The pattern she sees now is vertical specialization. As AI handles more execution, humans need deeper domain expertise to guide the machines effectively. “What’s happening with the world right now is you getting to a point where I’ll just call it a general theme of verticalization is people are getting deeper and deeper in their domain,” Rakipovic explains.
Her advice for her own children centers on this principle. She wants them to find big problems worth solving, develop enough curiosity to learn continuously, and build domain depth that lets them lead machines rather than being led by them.
Key moments:
- The gap between small business economic impact and bank lending (1:22)
- Why small businesses are worthy of capital without credit scores (2:51)
- How embedded finance meets businesses in their daily workflow (3:48)
- Real-time cash flow prediction that spots shortfalls four days early (6:10)
- Why restaurant owners need capital cards without credit checks (7:03)
- How Pipe uses AI to verify identity and flag fraud in five minutes (10:33)
- Jake’s story: from refusing credit to building business with embedded loans (13:18)
- The future where finance becomes invisible through AI orchestration (19:01)
- What Rakipovic learned scaling Amazon’s seller lending globally (22:18)
- Teaching AI about writing tone so non-experts can create quality content (35:47)
- Why AI should break traditional education models (37:10)
Q&A with Claurelle Rakipovic
Q: What’s the biggest gap in small business financing today?
A: 40% of the U.S. economy is run by small businesses, but only 4% of bank funding is provided to small businesses. There is a huge disconnect between what is powering our economy and what it is that we can do to help those businesses to continue to grow.
Q: How does embedded finance work differently than traditional lending?
A: Commerce has gravitated towards apps. Businesses are operating their whole operational life of the business in these platforms. What that data is, you’re able to enrich the risk visibility you have of that business and be able to assign them anything between $1,000 up to $500,000, and they have access to that instantly in a place where they’re doing their business every day.
Q: How do AI agents help with loan verification?
A: What used to take a human 25 minutes of web research, of really doing a lot of cross-referencing of information, agents can do that level of reasoning today. And not only that, they’re able to do the research on your behalf. We’re running that as the approach for the human then to cut their time from 25 to 5 minutes.

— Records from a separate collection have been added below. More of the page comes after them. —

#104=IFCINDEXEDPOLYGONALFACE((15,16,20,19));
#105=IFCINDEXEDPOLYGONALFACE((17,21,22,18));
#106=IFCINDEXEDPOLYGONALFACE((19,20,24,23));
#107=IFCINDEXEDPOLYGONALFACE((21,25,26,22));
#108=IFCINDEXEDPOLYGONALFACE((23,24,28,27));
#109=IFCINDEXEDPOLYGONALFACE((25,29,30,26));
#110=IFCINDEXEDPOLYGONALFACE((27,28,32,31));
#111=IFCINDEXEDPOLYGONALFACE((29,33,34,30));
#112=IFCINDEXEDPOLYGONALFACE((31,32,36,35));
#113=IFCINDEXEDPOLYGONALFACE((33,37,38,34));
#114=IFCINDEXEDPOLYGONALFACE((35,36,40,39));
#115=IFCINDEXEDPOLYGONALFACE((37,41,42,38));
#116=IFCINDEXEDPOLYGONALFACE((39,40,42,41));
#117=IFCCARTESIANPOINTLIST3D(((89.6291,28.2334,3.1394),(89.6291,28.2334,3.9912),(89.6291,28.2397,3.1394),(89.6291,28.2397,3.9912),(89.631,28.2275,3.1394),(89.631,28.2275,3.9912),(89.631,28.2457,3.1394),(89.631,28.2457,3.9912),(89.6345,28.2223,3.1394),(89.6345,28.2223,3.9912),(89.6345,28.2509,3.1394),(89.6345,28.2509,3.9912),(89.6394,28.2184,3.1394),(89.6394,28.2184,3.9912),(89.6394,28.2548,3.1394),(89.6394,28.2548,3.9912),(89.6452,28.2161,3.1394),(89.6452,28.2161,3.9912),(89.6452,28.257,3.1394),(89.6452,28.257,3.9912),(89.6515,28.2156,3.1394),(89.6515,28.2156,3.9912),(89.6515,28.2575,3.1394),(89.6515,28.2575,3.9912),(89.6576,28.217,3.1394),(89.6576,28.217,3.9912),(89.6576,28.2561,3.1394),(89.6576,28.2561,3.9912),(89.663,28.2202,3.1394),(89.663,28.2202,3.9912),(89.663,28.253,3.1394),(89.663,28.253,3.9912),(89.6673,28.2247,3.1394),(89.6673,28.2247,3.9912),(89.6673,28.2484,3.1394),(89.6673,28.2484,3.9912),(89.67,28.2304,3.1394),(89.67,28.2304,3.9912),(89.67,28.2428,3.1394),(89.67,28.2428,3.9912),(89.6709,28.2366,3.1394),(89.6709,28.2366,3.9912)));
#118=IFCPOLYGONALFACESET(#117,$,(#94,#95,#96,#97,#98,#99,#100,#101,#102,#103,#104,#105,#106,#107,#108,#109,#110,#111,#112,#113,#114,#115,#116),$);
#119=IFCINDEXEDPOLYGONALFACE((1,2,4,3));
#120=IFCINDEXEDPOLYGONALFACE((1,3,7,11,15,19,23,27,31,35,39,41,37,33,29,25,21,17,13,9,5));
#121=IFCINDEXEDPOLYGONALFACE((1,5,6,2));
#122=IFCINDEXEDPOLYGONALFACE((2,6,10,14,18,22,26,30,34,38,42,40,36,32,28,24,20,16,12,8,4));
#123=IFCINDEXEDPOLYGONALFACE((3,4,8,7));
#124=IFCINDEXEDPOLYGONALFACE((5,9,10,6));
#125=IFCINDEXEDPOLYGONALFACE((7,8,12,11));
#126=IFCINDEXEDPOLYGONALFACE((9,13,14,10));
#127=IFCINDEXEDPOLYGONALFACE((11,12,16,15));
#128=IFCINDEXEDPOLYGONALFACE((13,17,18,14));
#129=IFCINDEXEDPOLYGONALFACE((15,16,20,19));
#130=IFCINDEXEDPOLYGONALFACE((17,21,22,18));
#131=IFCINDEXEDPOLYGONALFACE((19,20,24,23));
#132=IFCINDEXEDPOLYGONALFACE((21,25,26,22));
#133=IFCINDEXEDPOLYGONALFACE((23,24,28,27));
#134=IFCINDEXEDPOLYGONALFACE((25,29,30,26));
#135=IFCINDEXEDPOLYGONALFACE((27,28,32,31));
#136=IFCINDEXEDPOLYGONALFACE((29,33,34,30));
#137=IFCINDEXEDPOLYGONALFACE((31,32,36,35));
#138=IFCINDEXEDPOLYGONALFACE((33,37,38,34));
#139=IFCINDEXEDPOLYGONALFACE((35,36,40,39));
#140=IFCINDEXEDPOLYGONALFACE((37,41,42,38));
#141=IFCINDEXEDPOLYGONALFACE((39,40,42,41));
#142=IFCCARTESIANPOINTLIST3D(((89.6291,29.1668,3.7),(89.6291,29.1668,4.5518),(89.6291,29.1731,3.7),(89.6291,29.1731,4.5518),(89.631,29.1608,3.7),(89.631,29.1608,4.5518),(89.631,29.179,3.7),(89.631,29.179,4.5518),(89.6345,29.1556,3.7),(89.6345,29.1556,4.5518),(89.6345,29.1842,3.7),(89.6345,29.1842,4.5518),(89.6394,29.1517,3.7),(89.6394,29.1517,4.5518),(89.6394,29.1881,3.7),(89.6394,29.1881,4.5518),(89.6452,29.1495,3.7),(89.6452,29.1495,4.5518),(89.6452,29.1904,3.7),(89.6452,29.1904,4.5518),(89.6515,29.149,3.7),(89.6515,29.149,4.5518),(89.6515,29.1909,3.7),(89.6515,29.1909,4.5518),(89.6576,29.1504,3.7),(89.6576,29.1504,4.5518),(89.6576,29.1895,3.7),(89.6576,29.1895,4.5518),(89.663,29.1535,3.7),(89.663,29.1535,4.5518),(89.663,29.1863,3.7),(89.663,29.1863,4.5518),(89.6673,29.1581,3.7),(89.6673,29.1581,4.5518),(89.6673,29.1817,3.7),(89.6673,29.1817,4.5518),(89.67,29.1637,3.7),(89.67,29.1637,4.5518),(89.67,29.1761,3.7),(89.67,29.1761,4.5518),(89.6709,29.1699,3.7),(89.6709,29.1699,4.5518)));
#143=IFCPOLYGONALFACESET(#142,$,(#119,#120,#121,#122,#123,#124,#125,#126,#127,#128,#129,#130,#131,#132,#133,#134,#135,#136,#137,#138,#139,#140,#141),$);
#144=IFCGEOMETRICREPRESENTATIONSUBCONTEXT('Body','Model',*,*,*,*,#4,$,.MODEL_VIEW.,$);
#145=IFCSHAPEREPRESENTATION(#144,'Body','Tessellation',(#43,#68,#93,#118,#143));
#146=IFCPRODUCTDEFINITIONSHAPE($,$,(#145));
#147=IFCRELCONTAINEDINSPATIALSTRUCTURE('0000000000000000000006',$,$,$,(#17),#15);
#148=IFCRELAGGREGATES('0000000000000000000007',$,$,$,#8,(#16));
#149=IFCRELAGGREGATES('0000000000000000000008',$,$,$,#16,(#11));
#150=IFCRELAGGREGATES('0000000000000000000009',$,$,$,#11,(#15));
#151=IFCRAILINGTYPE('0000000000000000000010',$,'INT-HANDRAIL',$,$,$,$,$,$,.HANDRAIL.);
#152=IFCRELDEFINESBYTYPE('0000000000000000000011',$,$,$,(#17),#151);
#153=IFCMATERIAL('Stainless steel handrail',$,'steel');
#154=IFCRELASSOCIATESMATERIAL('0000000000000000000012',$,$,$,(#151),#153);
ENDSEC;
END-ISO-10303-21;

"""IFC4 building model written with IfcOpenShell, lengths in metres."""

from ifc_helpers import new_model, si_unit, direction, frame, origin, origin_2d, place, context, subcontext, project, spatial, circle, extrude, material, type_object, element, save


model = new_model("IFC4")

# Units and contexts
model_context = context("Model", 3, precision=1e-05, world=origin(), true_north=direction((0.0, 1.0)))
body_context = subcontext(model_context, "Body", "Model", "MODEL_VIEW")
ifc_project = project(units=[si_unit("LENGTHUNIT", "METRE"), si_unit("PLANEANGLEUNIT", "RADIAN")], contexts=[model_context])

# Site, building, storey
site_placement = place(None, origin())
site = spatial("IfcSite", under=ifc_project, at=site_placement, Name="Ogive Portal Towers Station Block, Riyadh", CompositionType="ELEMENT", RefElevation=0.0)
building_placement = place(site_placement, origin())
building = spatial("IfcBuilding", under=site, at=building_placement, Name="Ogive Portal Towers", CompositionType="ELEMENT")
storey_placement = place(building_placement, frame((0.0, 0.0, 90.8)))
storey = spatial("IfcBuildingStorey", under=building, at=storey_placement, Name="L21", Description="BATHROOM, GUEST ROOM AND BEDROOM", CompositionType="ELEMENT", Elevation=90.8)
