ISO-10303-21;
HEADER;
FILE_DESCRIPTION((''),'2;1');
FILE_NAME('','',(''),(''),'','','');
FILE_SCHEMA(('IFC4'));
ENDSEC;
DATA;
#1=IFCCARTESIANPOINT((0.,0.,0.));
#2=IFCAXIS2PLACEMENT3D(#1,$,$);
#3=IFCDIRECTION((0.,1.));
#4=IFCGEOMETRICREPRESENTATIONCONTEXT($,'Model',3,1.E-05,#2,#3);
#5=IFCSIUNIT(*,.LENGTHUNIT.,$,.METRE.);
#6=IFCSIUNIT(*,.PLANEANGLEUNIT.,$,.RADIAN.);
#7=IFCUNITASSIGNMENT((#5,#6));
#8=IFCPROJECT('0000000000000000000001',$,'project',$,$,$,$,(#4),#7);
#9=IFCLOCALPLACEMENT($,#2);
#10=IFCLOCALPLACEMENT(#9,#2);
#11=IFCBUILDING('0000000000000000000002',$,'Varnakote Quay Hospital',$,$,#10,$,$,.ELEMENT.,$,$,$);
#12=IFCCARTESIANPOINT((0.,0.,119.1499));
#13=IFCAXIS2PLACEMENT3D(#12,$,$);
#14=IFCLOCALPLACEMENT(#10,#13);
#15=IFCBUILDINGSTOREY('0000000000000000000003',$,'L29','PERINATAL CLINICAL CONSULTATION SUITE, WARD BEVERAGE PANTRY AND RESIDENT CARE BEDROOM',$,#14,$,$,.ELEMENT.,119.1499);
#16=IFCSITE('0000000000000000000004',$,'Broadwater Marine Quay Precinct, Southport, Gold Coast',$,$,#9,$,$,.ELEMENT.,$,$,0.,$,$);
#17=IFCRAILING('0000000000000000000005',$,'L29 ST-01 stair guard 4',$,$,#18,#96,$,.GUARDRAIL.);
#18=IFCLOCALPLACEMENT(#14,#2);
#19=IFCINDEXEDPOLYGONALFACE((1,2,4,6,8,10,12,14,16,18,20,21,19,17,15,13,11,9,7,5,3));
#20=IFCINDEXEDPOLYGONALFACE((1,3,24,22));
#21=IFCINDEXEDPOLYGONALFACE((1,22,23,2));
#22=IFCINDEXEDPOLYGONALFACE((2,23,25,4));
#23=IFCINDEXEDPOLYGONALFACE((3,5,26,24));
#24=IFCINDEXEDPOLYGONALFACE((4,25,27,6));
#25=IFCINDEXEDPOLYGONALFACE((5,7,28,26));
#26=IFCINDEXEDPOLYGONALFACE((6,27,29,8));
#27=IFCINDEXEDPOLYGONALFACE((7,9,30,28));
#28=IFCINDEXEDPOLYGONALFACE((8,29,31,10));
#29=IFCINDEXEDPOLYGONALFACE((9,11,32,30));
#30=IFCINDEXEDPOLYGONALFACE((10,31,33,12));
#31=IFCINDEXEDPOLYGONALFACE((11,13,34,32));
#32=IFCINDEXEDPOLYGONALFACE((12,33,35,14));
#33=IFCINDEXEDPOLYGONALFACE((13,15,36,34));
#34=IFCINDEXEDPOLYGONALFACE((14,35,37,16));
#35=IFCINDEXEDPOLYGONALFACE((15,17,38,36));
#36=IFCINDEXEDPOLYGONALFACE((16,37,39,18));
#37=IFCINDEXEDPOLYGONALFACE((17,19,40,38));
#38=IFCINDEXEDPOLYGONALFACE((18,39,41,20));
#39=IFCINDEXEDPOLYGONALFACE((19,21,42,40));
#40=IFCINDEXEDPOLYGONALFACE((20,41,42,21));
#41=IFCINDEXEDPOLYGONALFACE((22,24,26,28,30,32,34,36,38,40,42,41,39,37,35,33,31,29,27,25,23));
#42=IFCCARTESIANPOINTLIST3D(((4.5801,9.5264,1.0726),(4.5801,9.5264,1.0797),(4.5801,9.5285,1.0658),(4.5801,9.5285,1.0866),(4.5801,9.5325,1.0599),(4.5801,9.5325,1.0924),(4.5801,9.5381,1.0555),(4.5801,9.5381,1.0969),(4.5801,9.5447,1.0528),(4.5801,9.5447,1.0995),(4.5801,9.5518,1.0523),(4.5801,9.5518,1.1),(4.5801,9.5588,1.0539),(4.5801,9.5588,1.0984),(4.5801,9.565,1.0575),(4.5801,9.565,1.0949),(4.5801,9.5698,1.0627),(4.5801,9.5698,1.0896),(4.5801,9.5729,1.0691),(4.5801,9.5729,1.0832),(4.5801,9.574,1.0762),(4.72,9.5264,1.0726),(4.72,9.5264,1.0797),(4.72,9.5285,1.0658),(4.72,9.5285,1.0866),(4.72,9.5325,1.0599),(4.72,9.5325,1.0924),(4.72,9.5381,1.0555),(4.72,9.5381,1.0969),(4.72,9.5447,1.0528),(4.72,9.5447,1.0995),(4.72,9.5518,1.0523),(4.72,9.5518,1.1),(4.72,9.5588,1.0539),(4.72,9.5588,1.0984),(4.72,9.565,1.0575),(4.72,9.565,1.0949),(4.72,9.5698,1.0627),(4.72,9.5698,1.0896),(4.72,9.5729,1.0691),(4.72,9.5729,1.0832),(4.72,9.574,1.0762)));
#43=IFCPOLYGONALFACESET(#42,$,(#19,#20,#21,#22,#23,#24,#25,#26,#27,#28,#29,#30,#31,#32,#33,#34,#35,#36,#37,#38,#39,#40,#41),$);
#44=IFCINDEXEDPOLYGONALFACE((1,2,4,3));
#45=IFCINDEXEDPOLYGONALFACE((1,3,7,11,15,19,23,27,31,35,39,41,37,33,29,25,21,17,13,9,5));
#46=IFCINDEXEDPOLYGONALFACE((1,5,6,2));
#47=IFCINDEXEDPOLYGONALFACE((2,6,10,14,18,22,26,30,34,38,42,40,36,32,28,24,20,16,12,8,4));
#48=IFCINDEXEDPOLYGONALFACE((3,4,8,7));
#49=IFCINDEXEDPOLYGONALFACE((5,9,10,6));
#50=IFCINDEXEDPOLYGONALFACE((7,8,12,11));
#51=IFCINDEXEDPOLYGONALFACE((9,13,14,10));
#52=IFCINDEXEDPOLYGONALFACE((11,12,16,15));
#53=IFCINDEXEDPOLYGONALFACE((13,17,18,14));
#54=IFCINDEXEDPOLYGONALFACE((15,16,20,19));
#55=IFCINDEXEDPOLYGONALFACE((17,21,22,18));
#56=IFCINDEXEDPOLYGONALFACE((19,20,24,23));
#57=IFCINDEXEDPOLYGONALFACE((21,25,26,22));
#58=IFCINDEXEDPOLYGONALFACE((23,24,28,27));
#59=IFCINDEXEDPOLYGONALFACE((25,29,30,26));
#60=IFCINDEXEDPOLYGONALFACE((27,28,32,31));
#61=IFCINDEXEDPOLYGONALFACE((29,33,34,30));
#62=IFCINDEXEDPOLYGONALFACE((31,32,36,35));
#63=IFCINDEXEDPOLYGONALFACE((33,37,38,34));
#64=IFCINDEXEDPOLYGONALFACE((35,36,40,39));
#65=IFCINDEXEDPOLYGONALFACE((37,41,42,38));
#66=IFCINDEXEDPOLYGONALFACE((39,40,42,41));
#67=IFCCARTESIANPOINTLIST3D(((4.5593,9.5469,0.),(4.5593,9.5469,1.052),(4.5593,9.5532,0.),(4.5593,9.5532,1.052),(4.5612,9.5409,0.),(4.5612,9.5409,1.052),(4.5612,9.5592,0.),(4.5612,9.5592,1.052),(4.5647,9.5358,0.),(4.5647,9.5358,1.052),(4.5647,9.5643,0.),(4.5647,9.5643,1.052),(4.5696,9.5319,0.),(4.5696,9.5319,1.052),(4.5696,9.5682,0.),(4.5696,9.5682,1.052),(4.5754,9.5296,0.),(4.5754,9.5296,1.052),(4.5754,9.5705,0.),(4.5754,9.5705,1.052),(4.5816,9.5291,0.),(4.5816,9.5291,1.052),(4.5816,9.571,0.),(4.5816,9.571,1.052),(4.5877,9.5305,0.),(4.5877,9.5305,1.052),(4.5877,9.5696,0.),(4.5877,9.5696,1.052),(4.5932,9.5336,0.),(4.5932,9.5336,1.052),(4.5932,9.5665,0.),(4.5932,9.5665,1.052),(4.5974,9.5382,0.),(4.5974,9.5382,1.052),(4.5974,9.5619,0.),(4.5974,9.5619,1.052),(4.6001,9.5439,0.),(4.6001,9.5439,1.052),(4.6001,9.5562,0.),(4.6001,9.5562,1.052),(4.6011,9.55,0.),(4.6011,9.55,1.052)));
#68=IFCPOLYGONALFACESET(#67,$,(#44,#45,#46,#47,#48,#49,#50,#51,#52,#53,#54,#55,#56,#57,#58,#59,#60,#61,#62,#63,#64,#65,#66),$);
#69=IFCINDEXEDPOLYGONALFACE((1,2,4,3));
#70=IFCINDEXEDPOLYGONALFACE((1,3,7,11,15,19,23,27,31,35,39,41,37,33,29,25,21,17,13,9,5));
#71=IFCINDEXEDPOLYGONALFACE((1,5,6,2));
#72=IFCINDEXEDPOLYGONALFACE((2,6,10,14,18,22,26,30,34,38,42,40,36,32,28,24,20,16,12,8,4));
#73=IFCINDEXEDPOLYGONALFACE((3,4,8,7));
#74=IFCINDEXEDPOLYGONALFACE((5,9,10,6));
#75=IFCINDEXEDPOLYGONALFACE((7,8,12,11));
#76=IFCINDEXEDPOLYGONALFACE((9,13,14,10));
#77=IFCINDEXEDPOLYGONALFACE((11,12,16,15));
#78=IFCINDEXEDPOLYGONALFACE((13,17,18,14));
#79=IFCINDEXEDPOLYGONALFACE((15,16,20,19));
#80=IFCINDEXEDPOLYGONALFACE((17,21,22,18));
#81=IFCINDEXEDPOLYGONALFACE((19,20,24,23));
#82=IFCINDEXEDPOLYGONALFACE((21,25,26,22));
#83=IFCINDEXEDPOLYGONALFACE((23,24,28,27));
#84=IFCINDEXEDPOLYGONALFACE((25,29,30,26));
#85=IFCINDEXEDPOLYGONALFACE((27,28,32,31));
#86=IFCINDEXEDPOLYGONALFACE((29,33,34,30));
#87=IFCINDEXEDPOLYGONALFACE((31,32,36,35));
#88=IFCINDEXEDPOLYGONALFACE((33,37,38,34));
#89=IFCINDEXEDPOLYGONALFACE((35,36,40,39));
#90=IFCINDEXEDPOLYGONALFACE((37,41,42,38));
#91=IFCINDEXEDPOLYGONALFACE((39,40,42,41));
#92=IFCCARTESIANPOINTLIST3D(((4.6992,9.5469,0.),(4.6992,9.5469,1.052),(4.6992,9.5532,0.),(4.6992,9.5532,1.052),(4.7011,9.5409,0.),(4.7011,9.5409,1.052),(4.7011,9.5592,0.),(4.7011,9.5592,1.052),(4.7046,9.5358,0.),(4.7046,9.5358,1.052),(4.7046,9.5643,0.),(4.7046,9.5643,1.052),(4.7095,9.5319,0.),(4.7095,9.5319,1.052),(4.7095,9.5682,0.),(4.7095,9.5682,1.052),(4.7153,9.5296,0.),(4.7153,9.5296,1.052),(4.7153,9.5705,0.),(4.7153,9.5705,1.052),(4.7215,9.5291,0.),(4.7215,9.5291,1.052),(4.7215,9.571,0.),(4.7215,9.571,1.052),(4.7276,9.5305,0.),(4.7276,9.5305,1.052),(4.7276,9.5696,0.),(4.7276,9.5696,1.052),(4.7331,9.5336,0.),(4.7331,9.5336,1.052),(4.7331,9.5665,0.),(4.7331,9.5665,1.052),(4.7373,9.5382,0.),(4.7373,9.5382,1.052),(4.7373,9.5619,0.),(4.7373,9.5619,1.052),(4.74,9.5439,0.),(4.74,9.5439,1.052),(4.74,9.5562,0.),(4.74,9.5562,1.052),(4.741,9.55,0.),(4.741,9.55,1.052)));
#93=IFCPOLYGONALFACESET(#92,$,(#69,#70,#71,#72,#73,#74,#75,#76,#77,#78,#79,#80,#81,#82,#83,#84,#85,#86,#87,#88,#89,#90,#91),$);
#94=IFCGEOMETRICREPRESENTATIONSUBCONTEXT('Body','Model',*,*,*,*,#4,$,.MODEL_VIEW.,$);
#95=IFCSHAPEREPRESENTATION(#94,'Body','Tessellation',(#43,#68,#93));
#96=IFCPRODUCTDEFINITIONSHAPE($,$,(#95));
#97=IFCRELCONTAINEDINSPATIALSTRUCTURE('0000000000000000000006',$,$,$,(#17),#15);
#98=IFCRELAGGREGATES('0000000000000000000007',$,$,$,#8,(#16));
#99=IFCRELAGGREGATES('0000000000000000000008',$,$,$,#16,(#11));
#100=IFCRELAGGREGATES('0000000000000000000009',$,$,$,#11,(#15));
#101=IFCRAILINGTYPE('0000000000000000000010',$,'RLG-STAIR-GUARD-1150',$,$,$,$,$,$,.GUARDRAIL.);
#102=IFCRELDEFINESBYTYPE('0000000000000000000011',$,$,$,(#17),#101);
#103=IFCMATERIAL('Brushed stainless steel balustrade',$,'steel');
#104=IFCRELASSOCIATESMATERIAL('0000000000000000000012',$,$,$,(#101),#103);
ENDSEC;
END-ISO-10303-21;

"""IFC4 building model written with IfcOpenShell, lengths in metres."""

from ifc_helpers import new_model, si_unit, direction, frame, origin, origin_2d, place, context, subcontext, project, spatial, circle, extrude, material, type_object, element, save


model = new_model("IFC4")

# Units and contexts
model_context = context("Model", 3, precision=1e-05, world=origin(), true_north=direction((0.0, 1.0)))
body_context = subcontext(model_context, "Body", "Model", "MODEL_VIEW")
ifc_project = project(units=[si_unit("LENGTHUNIT", "METRE"), si_unit("PLANEANGLEUNIT", "RADIAN")], contexts=[model_context])

# Site, building, storey
site_placement = place(None, origin())
site = spatial("IfcSite", under=ifc_project, at=site_placement, Name="Broadwater Marine Quay Precinct, Southport, Gold Coast", CompositionType="ELEMENT", RefElevation=0.0)
building_placement = place(site_placement, origin())
building = spatial("IfcBuilding", under=site, at=building_placement, Name="Varnakote Quay Hospital", CompositionType="ELEMENT")
storey_placement = place(building_placement, frame((0.0, 0.0, 119.1499)))
storey = spatial("IfcBuildingStorey", under=building, at=storey_placement, Name="L29", Description="PERINATAL CLINICAL CONSULTATION SUITE, WARD BEVERAGE PANTRY AND RESIDENT CARE BEDROOM", CompositionType="ELEMENT", Elevation=119.1499)

# Railing
ifc_material_1 = material(Name="Brushed stainless steel balustrade", Category="steel")
railing_type_1 = type_object("IfcRailingType", Name="RLG-STAIR-GUARD-1150", PredefinedType="GUARDRAIL", material=ifc_material_1)
railing_1_placement = place(storey_placement, frame((4.5801, 9.55, 0.0)))
element("IfcRailing", 1, at=railing_1_placement, inside=storey, type_object=railing_type_1, Name="L29 ST-01 stair guard 4", PredefinedType="GUARDRAIL", context=body_context, shape_type="SweptSolid", body=[
    extrude(circle(Radius=0.0239, at=origin_2d()), frame((0.0, 0.0, 1.0762), z_axis=(1.0, 0.0, 0.0), x_axis=(0.0, 1.0, 0.0)), (0.0, 0.0, 1.0), 0.1399),
    extrude(circle(Radius=0.021, at=origin_2d()), origin(), (0.0, 0.0, 1.0), 1.052),
    extrude(circle(Radius=0.021, at=origin_2d()), frame((0.1399, 0.0, 0.0)), (0.0, 0.0, 1.0), 1.052),
])

save(model, "model.ifc")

Q: What does the future of business finance look like?
A: Finance is not going to even feel like finance in the future. Your bank knows that you’re going to have an NSF charge seven days before you do. I have so much information today that I can predict your bank balance daily. I can look at your bank account. I can move money between your bank accounts if you let me. That is going to become autonomous.
Q: What should the next generation learn about AI?
A: What I expect from them is that they can find big problems that they themselves can start to work on. Use machine learning, use agents, code themselves, and that level of agency is possible today with a good degree of curiosity. You don’t actually need a high level of skill. What you need is a brain that can find the problems that are worth solving.
Q: Why is domain expertise becoming more important with AI?
A: What’s going to be expected of the human is that they hold some level of domain expertise. You must still study something and learn it just for the fact of going deep and not being at the surface and learning how to critically reason. Whether it’s a franchise or whatever platform it is, people are getting deeper and deeper in their domain, and in a sense, you need to own that and lead the machine.